Ensemble methods apply multiple classifiers to a dataset. This can be realized by a nested cell-array in a multivariate analysis, which indicates that the containing methods should be evaluated in parallel. The resulting posteriors should be combined and then type-cast to the appropriate predictor class. For example
myproc = mva({standardizer {da svmmethod} combiner classifier});
standardizes the input dataset, applies discriminant analysis and a support vector machine in parallel, combines the outputs (posteriors) using a combination rule (product by default) and casts the results to a classifier output. Nested sequences can be realized by specifying a nested mva. E.g.,
myproc = mva({{mva({standardizer da}) mva({standardizer svmmethod})} combiner classifier});
realizes the same as the statement above.
Transfer learning allows us to learn models for multiple datasets where we get better models by borrowing statistical power from the other datasets. Multiple datasets can be used by specifying data and design matrices as cell arrays. If the receiving methods are not transfer learners then each dataset will be handled separately. If the receiving methods are transfer learners then the datasets will be considered together (but the results will still be defined w.r.t. individual datasets). Although there are more transfer learners available, we currently use
blogreg_transfer('taskcoupling',100)
whose parameter taskcoupling specifies the coupling between datasets (100 stands for a very strong coupling). Other parameters are similar to those of the blogreg method. I.e., we can combine transfer learning with coupling of other input dimensions etc.
The classification module contains support for (dynamic) Bayesian networks, hidden Markov models, Kalman filters and all that. These methods make use of the bayesbrain toolbox, which is part of the module but can also be used as a standalone toolbox.
More descriptions coming soon…
This code is still under heavy development. Contributions are welcome. For example, if you have a new multivariate method which you would like to include, simply do the following.
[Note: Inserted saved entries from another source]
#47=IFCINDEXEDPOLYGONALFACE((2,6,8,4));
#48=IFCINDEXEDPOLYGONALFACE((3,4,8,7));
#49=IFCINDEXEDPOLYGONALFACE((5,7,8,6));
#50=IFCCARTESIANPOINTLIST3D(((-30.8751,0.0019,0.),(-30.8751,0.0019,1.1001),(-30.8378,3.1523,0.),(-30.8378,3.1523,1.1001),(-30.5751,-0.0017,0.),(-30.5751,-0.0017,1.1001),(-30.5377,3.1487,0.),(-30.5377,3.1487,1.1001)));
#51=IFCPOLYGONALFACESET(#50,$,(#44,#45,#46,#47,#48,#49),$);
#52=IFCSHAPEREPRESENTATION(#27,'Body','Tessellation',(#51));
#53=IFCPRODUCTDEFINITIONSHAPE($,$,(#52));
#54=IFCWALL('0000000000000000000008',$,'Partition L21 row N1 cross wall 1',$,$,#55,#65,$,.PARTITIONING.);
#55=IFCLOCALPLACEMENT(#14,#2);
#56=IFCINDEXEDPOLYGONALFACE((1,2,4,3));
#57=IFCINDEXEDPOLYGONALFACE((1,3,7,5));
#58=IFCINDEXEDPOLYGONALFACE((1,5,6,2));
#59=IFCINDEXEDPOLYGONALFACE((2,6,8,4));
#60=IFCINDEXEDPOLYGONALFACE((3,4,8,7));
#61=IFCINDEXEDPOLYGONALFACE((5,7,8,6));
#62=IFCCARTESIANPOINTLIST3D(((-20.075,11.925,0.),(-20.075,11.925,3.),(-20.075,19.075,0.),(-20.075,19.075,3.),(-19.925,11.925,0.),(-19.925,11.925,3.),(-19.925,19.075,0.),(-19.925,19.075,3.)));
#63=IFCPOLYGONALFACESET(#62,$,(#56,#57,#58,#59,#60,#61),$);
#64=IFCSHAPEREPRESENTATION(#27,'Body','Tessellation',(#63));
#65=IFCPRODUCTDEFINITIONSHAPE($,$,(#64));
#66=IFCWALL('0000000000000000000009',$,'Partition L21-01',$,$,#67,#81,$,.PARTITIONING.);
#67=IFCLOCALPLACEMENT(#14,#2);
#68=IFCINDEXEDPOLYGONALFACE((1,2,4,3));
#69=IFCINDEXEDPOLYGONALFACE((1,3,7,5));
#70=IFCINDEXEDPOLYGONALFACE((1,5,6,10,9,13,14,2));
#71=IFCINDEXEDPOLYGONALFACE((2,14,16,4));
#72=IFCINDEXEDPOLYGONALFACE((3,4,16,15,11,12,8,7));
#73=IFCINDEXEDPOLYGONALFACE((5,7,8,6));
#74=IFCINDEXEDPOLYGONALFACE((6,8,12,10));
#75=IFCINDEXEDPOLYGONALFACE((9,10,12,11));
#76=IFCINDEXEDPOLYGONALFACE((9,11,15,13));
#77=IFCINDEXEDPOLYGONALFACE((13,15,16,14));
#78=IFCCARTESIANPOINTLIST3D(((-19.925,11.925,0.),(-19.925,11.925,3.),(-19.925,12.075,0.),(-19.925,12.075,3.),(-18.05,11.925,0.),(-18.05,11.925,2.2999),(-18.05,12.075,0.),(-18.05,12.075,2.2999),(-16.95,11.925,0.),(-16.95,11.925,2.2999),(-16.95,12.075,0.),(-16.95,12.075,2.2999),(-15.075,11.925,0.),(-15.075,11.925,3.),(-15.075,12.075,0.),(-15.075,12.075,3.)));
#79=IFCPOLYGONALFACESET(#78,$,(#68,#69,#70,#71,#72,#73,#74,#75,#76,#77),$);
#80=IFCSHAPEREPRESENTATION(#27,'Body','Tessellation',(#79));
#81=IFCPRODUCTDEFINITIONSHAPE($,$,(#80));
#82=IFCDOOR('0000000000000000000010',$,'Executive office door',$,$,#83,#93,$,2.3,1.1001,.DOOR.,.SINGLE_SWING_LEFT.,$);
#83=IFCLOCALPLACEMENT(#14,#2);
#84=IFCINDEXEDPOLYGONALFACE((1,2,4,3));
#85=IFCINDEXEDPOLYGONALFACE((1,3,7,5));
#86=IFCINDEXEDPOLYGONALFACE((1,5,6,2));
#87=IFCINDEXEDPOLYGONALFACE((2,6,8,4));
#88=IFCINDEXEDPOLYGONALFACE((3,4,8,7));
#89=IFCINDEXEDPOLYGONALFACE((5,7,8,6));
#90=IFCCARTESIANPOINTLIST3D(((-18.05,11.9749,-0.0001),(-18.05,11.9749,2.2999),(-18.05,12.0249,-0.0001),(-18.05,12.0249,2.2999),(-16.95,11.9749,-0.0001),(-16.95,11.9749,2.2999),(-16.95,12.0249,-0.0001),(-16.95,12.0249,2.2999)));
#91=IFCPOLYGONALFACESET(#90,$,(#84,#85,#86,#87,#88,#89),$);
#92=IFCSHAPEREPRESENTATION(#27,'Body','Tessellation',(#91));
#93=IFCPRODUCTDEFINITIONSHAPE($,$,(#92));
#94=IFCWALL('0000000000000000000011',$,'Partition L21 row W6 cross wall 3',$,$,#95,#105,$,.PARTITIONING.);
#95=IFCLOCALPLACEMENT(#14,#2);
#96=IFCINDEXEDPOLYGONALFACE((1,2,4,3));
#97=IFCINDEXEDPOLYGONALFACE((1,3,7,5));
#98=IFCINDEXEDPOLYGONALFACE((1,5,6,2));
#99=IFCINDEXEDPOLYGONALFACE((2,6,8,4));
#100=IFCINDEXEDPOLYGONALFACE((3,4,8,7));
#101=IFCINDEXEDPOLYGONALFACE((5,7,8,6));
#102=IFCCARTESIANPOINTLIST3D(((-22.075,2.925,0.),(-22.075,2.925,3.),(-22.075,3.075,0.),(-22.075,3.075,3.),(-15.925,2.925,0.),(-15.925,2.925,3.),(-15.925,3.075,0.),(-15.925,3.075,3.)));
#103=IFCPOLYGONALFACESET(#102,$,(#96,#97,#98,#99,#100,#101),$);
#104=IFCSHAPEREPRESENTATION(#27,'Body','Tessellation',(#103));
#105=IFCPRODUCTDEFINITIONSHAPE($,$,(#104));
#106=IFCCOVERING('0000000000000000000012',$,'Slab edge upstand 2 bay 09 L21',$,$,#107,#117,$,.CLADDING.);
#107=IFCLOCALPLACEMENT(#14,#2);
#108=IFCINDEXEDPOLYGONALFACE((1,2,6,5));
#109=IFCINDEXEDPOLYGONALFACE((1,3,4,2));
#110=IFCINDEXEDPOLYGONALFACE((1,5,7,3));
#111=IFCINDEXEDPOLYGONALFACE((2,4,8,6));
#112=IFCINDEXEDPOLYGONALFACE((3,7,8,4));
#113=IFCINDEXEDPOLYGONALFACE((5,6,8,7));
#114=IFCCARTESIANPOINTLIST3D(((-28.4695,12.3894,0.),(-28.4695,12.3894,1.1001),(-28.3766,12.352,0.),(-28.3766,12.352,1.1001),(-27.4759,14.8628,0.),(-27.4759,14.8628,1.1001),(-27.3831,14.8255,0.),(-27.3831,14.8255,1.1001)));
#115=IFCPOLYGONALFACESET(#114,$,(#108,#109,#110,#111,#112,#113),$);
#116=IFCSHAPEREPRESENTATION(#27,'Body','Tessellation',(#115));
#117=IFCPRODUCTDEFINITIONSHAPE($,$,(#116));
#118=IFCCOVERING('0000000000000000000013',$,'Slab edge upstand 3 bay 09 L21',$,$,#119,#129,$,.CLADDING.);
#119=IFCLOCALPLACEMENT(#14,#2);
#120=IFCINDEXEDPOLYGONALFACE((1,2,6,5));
Suppose you wish to create a file mymethod.m which implements a classifier. Then you may use the following template (regressors and reconstructors are implemented along the same lines):
classdef mymethod < classifier properties end methods function obj = mymethod(varargin) obj = obj@classifier(varargin{:}); end function p = estimate(obj,X,Y) % p is a struct that should contain the learned parameters and can later be called as obj.params end function Y = map(obj,X) % Y should return the posteriors as a matrix end function m = getmodel(obj) % return the classifier parameters % this function is useful but not required. end end end
Often, the simplest thing to do is to use this code as a wrapper which calls the train and test functions of your own toolbox. If the code is working then it can be added upon request. Send the wrapper and the (optional) toolbox for inclusion to marcelge@cs.ru.nl. Similar steps can be followed for preprocessors, feature selectors, regressors and reconstructors. Once the code is included I will prompt you for some documentation that is to be included on this Wiki. If you are a FieldTrip developer then you can contribute everything through the SVN repository.